Psyco's author, Armin Rigo, then got disgusted with Psyco and went on to work
on PyPy (possibly for more sanity and better funding).

So, yes, I'd be quite happy to use PyPy, even by default, if it was as easy to
install as CPython (or ghc, for that matter, which is a bit larger than
CPython but also quite easy to install) and worked out of the box. I
definitely was when it came to Psyco.

------
DrJ
If anything, PyPy's blogs and updates are really interesting to read. (not to
mention the awesome work those guys are doing!)

------
scorpion032
What is the Pypy's plan of action for Py3k?

------
ohyes
You can not write a static compiler for python, because python does not have
static typing, and it is a dynamic language. So that part is a tautology.

I suspect the author is trying to say that you can not write a compiler to
machine code for python. This is wrong.

Compiling dynamic languages to machine code has been done dozens of times in
languages with equivalent or greater dynamic properties (Common Lisp, Scheme,
and Smalltalk, for example). I guess an example of proof of concept here is
that Python was implemented in Common Lisp as a DSL (macros), and it works on
the machine code lisp implementations. ([http://common-
lisp.net/project/clpython/manual.html#compilin...](http://common-
lisp.net/project/clpython/manual.html#compiling-before-running))
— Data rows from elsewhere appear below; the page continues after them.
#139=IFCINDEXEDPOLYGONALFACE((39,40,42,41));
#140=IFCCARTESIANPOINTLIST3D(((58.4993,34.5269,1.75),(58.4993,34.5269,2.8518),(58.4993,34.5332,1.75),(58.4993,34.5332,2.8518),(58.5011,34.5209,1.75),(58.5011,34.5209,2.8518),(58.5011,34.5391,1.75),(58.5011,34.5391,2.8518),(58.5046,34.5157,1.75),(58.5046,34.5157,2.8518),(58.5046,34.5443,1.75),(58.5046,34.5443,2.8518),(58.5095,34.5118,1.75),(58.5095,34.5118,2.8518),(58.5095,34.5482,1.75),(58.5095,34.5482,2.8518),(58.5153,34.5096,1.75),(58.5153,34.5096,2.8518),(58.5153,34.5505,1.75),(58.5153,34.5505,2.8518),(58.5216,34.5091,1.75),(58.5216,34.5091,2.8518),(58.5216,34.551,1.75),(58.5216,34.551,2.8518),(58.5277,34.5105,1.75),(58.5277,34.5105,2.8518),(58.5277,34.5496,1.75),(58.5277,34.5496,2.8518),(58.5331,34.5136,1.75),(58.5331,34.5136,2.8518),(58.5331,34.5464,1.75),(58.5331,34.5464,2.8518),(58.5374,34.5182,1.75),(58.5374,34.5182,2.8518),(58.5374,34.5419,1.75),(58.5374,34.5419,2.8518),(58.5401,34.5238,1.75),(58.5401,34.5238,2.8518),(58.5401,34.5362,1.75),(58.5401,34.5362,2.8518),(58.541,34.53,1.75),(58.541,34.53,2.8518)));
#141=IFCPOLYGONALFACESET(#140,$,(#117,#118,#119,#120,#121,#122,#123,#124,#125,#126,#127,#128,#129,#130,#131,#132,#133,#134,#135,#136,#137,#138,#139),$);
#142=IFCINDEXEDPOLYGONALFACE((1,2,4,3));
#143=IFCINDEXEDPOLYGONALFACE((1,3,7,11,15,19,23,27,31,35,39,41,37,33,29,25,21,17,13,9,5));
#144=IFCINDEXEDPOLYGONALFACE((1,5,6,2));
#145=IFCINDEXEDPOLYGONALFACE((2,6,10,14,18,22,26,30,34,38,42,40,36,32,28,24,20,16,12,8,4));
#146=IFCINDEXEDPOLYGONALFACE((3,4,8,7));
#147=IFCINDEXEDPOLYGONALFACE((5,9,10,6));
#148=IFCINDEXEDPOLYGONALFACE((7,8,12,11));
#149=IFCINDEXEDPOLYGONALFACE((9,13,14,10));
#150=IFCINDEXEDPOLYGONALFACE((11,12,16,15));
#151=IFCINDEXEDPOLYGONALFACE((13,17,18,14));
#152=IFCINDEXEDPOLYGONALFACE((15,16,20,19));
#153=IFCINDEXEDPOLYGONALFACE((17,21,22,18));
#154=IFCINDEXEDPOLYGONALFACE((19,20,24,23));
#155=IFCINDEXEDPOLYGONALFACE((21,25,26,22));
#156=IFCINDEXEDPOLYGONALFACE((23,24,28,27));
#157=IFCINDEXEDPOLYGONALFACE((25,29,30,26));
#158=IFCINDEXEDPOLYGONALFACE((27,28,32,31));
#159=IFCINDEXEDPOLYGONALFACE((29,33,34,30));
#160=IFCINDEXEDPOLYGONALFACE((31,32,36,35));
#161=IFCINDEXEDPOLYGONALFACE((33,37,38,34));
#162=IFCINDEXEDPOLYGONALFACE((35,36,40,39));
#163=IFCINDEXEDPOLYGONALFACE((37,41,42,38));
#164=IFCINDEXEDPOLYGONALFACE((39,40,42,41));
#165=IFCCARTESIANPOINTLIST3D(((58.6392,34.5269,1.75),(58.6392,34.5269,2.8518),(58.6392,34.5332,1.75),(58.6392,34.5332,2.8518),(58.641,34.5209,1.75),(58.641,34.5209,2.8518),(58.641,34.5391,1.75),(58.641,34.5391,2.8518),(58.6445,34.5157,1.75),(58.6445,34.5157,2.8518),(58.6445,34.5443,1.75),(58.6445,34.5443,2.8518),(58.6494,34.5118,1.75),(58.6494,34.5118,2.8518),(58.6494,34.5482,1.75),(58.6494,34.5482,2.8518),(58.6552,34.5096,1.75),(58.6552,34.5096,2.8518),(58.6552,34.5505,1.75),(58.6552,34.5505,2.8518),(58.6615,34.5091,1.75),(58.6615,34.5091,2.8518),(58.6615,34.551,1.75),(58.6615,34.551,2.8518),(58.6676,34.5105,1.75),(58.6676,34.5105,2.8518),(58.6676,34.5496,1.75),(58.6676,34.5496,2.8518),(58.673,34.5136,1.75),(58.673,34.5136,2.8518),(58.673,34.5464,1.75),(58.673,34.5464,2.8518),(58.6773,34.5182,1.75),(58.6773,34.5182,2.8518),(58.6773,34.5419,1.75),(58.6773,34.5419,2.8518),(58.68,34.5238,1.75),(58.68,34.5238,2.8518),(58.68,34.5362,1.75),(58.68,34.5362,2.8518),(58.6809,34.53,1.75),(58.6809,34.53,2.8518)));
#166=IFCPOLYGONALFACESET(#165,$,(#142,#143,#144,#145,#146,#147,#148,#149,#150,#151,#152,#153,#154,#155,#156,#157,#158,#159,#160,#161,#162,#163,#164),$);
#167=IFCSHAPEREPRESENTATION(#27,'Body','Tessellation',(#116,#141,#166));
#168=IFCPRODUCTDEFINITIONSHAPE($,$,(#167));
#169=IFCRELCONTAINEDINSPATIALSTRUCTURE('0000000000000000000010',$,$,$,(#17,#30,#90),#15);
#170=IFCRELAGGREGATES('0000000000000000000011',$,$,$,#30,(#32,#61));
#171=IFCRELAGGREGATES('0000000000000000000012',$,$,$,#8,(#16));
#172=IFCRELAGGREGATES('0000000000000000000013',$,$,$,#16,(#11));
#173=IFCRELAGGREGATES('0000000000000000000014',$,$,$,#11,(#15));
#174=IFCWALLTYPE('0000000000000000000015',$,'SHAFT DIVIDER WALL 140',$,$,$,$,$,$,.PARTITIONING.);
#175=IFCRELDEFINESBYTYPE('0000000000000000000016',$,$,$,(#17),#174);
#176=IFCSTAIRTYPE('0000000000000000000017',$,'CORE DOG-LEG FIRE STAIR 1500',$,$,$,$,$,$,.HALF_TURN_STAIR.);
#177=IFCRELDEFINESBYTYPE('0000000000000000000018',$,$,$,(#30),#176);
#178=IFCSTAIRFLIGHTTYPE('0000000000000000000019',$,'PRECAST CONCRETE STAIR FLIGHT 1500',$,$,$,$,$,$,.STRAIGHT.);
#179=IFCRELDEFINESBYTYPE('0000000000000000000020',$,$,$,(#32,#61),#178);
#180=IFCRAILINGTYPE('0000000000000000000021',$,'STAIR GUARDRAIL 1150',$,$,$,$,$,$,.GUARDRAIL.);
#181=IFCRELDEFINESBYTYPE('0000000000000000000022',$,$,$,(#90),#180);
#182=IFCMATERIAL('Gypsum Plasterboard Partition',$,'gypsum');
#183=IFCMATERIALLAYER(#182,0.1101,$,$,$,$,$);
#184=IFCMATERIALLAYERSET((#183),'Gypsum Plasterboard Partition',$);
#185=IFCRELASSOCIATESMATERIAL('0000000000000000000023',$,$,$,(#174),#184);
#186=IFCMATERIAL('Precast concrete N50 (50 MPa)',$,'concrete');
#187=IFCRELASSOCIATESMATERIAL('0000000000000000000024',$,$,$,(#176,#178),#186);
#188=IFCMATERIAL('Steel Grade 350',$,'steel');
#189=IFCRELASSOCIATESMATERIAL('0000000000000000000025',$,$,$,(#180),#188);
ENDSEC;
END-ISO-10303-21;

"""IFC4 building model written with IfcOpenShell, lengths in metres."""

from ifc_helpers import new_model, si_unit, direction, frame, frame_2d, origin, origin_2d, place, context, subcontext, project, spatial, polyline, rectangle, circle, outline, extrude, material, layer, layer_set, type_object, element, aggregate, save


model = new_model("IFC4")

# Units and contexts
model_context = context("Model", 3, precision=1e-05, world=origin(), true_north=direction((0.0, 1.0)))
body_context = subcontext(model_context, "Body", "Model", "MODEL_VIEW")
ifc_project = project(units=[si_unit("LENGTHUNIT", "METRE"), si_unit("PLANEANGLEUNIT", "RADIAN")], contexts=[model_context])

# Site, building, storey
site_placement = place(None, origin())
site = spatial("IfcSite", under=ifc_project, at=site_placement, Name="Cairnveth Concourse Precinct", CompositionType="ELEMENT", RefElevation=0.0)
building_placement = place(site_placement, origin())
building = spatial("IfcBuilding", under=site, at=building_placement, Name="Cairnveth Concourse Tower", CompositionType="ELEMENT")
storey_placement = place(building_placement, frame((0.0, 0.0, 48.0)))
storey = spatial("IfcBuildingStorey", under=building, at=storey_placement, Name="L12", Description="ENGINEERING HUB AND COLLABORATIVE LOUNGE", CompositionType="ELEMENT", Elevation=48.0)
The truth is that no one can be bothered to do it, because there is little to
be gained from a faster python implementation. All of the slow code is in
little parts that can be rewritten in C (or whatever faster language... so
almost any language).

The mentioned Python compiler projects are all 'research,' as far as I can
tell. Doing something that is actually known to work and is difficult would be
of no use to someone who is interested in tenure.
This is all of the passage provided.